A union lawyer challenging a company's exclusion of fertile women from jobs that could harm their fetuses told the Supreme Court yesterday that upholding such restrictions would "sanction the resegregation of the work force," relegating women to second-class status in the job market.

But the company's lawyer argued that "it would violate common sense and the overriding interest in occupational health and safety to require an employer to damage unborn children."

Hearing oral argument in Auto Workers v. Johnson Controls, the court wrestled for the first time yesterday with whether "fetal-protection" policies violate federal law prohibiting job discrimination on the basis of sex or pregnancy.

The case involves Johnson Controls, a Milwaukee-based battery manufacturer that in 1982 adopted a rule barring women from jobs entailing lead exposure unless they provided medical proof of infertility.

The company said the policy was needed to protect children from severe neurological damage that can occur through prenatal lead exposure.
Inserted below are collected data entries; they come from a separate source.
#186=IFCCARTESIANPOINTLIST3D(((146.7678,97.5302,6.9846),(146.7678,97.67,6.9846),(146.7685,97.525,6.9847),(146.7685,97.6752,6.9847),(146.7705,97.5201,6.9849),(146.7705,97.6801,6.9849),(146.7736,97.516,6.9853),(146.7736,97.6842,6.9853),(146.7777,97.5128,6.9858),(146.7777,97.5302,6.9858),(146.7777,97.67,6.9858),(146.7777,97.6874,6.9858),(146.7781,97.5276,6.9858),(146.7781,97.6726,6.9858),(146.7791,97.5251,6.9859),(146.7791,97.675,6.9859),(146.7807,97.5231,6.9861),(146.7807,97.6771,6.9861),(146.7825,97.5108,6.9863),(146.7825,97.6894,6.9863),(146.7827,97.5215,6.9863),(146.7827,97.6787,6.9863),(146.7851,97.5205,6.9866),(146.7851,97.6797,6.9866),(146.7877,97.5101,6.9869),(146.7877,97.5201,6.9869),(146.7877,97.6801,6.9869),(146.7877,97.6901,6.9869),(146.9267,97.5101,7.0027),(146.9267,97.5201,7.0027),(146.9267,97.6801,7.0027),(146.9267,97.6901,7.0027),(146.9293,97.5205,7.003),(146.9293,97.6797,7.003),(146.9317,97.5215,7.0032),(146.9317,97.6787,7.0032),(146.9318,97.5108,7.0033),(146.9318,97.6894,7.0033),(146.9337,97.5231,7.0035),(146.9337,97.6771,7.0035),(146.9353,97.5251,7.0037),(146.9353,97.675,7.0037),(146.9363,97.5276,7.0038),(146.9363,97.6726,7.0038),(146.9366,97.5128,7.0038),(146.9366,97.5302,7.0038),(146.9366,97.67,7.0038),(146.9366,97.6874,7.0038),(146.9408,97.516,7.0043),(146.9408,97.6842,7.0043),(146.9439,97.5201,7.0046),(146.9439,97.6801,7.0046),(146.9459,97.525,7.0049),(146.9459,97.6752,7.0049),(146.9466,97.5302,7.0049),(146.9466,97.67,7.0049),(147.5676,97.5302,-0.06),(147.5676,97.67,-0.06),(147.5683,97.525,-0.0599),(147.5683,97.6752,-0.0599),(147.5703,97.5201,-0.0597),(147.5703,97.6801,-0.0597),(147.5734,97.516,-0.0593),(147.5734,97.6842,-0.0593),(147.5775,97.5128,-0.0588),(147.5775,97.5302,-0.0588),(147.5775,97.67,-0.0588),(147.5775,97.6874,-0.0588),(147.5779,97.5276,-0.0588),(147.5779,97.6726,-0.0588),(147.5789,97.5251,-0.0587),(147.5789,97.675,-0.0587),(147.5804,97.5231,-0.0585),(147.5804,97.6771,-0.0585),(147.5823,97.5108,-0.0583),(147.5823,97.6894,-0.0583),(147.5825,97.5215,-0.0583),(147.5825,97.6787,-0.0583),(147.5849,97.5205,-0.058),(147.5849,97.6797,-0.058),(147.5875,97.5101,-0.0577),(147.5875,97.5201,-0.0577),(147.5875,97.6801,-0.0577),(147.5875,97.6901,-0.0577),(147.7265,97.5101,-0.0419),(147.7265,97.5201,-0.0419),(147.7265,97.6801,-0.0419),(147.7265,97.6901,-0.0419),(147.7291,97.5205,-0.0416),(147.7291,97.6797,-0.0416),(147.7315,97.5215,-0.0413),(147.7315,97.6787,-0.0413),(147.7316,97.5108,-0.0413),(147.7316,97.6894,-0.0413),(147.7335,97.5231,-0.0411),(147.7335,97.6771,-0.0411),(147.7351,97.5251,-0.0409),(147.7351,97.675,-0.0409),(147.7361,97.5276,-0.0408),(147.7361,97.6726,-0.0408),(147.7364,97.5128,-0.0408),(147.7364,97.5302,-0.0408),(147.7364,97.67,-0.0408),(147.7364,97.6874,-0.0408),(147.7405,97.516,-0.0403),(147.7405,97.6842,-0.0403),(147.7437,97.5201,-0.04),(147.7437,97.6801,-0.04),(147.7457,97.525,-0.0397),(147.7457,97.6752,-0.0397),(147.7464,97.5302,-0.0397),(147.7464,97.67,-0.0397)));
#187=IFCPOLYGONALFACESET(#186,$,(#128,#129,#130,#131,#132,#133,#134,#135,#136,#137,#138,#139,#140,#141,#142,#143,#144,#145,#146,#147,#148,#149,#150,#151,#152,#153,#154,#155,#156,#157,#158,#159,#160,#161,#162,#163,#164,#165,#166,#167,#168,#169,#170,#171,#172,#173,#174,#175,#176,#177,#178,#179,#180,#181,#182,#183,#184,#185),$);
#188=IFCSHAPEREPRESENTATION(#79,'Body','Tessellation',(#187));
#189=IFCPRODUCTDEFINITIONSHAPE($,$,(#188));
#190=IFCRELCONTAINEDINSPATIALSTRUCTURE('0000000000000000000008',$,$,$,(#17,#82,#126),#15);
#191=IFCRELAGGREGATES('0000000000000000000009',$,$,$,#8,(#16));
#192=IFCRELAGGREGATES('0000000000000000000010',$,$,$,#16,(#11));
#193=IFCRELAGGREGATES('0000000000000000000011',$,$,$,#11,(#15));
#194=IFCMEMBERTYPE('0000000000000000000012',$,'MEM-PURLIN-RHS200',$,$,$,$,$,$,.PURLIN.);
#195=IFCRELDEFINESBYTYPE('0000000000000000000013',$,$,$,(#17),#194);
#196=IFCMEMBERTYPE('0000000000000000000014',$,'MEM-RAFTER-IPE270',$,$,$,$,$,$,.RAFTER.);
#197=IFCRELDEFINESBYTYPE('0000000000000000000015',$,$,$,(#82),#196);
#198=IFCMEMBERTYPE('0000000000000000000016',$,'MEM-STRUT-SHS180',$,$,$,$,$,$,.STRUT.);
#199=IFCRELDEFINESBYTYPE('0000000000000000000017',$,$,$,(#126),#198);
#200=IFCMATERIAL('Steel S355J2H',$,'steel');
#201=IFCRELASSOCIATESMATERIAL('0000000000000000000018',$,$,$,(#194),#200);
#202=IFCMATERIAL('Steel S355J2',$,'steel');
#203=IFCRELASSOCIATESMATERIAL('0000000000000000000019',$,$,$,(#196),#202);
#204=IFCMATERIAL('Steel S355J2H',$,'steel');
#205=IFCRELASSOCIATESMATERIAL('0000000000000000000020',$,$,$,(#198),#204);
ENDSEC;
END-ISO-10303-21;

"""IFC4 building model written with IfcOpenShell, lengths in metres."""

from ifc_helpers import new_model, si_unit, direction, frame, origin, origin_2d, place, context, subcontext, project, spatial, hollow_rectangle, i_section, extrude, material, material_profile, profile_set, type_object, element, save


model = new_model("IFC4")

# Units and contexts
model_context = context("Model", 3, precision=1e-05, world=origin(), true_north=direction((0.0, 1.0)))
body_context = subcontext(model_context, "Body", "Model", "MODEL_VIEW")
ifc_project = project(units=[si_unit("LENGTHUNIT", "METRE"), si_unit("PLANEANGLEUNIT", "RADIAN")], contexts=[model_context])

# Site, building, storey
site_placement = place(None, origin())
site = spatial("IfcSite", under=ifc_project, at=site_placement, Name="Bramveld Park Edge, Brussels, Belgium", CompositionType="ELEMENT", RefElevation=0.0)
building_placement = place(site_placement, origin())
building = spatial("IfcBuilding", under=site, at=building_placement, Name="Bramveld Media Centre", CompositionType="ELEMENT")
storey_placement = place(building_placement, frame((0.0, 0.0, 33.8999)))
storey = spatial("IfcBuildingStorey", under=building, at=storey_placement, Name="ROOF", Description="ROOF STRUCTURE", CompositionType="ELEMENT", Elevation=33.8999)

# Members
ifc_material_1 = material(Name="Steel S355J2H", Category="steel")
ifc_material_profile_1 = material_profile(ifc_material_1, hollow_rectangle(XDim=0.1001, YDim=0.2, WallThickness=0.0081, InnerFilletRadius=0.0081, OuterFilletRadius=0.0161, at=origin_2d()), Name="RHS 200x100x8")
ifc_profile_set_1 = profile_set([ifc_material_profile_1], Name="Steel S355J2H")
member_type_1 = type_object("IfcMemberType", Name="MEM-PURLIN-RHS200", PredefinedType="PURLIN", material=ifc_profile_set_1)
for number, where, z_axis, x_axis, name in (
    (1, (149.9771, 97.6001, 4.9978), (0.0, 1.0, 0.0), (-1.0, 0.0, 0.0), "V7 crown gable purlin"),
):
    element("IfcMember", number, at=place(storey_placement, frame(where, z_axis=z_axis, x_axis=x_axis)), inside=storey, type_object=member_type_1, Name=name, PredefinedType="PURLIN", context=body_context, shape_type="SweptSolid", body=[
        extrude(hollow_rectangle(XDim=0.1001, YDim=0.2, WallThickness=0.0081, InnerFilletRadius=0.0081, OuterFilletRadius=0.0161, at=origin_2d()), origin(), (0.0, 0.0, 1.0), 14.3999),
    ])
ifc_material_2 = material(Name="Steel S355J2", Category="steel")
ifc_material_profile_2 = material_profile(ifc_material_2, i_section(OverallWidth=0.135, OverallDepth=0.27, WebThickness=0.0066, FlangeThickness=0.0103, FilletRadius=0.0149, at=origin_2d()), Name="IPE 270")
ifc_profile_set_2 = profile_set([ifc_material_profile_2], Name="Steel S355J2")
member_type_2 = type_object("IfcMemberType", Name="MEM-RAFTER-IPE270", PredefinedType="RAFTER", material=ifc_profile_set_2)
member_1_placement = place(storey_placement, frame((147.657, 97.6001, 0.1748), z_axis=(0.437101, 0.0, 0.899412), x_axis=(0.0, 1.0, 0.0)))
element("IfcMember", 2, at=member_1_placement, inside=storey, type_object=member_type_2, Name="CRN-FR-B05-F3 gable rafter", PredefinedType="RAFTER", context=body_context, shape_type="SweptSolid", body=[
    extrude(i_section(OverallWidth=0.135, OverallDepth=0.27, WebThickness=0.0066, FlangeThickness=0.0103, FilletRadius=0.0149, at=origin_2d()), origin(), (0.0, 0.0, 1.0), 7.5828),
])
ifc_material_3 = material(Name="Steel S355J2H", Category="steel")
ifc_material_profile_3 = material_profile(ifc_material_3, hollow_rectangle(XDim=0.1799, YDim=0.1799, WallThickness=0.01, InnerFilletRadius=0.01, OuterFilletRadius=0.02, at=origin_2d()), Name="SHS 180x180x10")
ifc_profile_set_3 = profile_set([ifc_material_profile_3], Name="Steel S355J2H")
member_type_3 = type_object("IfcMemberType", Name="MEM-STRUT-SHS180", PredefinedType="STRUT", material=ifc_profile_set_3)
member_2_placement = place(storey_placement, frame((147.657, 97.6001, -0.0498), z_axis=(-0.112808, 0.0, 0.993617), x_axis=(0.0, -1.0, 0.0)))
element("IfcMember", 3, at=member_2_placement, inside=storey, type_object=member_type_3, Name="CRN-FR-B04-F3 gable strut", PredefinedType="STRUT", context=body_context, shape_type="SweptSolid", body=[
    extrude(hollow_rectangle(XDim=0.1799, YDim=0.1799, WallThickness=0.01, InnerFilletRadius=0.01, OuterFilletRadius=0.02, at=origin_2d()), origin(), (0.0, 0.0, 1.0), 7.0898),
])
Citing the cases of eight workers who became pregnant with elevated levels of lead in their blood despite warnings of the risk to fetuses, the company said it was necessary to ban all fertile women, not just those pregnant or planning to have chidren.
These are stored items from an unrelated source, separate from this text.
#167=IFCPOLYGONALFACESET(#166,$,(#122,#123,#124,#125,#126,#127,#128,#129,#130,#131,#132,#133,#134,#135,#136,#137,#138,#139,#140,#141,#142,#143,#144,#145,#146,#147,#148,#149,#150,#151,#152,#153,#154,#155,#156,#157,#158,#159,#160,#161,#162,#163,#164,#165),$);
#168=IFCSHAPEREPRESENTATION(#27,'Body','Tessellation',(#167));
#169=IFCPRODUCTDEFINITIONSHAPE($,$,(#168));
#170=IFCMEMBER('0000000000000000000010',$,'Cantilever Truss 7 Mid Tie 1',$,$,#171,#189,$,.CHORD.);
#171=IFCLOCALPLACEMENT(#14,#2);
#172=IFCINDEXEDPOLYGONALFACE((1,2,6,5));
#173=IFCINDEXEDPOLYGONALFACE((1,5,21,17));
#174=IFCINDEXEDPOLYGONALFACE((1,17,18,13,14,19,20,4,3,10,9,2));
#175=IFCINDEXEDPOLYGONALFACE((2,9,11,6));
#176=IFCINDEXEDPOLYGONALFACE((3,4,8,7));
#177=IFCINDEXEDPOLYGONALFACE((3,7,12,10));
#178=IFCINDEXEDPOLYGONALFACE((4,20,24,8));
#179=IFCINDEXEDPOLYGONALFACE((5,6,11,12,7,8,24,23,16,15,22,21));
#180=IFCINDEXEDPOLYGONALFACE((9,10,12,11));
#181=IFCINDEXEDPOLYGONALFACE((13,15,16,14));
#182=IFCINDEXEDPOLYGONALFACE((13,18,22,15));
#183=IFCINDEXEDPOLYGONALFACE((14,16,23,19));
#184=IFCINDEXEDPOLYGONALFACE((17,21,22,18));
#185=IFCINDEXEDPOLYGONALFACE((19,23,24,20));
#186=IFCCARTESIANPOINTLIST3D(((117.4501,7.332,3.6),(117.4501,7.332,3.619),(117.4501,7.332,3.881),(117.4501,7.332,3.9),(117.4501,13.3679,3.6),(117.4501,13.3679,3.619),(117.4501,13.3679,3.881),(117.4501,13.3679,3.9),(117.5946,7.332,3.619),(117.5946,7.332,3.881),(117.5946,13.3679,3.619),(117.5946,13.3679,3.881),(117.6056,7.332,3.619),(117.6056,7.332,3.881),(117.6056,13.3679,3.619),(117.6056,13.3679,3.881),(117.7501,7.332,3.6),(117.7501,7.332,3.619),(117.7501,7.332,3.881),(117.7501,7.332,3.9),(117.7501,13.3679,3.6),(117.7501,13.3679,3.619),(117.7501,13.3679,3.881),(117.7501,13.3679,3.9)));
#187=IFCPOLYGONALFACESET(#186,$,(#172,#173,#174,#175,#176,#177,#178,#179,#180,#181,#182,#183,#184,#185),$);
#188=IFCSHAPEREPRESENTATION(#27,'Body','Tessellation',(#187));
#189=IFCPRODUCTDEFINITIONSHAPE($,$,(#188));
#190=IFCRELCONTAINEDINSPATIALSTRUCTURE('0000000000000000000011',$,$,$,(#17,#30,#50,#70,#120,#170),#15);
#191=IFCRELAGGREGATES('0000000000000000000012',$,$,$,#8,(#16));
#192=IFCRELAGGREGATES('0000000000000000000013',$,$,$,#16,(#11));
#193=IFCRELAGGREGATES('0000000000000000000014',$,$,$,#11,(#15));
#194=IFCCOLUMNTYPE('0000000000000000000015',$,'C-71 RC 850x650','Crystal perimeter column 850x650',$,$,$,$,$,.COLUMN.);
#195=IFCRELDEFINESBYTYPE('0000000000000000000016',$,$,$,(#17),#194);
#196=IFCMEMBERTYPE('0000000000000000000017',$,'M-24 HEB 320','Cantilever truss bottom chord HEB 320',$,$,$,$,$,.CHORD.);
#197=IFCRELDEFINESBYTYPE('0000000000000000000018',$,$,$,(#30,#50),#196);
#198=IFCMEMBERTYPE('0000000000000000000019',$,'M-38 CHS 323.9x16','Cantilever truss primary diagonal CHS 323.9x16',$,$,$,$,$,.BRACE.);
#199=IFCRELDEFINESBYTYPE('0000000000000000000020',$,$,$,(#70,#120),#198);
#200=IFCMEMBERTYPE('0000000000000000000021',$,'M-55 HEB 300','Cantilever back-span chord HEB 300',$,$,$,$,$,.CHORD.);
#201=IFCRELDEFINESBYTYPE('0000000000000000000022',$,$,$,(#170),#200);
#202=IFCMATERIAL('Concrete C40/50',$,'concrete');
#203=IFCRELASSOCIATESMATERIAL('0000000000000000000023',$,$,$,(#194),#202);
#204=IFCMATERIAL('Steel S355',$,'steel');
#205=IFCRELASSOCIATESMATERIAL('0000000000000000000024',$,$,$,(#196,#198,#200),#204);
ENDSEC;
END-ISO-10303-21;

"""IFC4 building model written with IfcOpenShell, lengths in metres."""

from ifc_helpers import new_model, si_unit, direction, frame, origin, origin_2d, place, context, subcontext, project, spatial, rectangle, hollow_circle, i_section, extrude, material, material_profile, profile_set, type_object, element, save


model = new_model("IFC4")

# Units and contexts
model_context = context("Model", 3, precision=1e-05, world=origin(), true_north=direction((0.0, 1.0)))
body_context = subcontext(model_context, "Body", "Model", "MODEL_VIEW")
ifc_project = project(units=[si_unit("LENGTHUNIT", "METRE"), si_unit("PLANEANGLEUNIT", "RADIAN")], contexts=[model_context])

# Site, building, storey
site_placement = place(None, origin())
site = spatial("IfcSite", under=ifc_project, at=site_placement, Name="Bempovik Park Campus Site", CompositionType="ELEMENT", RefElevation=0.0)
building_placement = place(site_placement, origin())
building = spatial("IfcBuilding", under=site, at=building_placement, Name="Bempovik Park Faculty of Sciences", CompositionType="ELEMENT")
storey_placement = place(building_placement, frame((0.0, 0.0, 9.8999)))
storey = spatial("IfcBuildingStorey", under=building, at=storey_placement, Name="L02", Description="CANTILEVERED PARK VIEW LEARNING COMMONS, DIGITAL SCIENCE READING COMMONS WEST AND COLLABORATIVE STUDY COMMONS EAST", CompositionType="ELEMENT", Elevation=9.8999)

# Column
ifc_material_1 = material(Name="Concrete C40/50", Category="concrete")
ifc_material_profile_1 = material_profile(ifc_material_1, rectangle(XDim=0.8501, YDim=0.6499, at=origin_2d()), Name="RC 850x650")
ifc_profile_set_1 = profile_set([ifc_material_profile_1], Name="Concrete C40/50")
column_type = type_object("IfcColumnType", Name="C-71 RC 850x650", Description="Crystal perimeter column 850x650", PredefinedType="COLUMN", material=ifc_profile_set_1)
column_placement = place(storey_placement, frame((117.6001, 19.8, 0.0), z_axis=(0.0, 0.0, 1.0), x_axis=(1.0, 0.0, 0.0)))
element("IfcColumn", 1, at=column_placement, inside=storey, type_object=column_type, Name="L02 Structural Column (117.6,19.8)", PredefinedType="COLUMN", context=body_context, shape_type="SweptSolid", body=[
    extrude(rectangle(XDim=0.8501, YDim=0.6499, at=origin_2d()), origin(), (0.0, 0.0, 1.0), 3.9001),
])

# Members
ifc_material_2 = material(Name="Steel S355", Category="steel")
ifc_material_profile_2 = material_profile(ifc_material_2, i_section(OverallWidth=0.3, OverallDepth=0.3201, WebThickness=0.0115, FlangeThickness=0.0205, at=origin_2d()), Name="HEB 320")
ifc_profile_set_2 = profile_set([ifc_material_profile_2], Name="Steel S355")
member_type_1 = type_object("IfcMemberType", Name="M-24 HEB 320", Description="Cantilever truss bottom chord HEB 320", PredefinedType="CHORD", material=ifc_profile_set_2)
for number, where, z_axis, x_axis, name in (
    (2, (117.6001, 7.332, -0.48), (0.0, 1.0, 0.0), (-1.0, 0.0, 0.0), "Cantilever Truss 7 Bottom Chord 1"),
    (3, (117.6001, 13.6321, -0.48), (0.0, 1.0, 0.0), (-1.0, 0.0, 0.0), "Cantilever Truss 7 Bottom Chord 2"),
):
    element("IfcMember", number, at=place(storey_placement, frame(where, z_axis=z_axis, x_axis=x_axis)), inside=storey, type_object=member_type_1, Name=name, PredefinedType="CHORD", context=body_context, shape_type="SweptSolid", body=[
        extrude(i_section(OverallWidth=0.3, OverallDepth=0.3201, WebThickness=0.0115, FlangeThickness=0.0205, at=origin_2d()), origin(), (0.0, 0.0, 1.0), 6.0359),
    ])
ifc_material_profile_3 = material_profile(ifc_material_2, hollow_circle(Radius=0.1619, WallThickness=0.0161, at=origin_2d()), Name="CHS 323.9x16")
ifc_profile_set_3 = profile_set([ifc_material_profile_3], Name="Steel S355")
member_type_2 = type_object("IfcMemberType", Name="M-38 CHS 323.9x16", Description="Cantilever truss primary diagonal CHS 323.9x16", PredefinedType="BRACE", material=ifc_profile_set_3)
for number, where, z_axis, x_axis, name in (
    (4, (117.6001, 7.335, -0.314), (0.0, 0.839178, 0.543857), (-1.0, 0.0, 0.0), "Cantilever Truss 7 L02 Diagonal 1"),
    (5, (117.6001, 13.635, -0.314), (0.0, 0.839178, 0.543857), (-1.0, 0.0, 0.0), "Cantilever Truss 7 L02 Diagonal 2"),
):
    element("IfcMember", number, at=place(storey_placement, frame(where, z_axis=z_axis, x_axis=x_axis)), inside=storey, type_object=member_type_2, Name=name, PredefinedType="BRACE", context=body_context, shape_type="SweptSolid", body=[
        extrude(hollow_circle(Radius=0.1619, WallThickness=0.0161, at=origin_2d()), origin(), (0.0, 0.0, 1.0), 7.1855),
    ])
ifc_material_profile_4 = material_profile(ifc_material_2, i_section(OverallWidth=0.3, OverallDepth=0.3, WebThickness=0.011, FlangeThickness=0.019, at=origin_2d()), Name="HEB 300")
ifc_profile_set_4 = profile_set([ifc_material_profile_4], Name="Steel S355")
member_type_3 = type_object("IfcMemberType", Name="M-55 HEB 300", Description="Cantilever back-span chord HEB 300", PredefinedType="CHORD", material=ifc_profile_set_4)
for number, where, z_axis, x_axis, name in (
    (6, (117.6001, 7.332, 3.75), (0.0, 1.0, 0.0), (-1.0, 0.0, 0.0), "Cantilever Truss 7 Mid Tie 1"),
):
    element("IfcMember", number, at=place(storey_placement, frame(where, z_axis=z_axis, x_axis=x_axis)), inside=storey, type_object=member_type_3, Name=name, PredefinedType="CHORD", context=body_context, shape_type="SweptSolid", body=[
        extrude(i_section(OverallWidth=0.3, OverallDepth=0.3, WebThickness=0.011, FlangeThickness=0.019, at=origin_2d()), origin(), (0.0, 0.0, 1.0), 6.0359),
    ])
The United Auto Workers union challenged the policy, arguing that it was sex discrimination prohibited by Title VII of the Civil Rights Act of 1964 and the 1978 Pregnancy Discrimination Act.

Yesterday's argument focused on whether infertility can be a "bona fide occupational qualification," or BFOQ, a defense under federal law in cases of explicit sex discrimination. The law defines a BFOQ as a condition "reasonably necessary to the normal operation of that particular business."

If the court allows employers to adopt such policies, union lawyer Marsha S. Berzon argued, "the effect is that women will end up in the jobs where they began before Title VII was passed . . . . The net effect is that this policy, if upheld, would cut the heart out of Title VII and out of the Pregnancy Discrimination Act."

Several justices, in questioning the company's lawyer, Stanley S. Jaspan, appeared inclined to agree with that assessment.

By "considering it part of the job qualification that you not harm the fetus's health," Justice Antonin Scalia said, "it seems to me you're making a dead letter" of the Pregnancy Discrimination Act, which requires employers to treat pregnant women as they do other workers. "That was always the justification used for discriminating against pregnant women, that they shouldn't work extra-long hours because it would be bad for the fetus."

Continuing "to allow that exception is to make a farce of the Pregnancy Discrimination Act . . . ," Scalia said. "You're making it a ridiculous piece of legislation."

Justice Sandra Day O'Connor told Jaspan that "it seems to me you are not coming to grips with the effect" of the law or a case interpreting it, which "points in the direction of saying that safety concerns are not going to rise to the level of a defense under BFOQ."

But Jaspan said that "to suggest that normal operation does not include concern for health and safety would certainly be a strange notion for most manufacturers today."

Some justices also seem troubled over what level of fetal risk might justify excluding women and by whether federal judges, rather than regulators, have the expertise to assess such questions. The Occupational Safety and Health Administration, setting standards for lead exposure in 1978, did not recommend excluding fertile women.

But the justices also questioned Berzon about whether the company would be put in an unfair position if it were prohibited from adopting a fetal-protection policy and then subjected to being sued by a person who had been exposed to lead in the uterus.

Berzon discounted the legitimacy of such fears. "The fact that there's never been a case like this is itself somewhat indicative of the fact that it is not reasonably necessary to the normal operation of the business for an employer to turn somersaults in order to avoid a theory of liablity that does not yet exist," she said.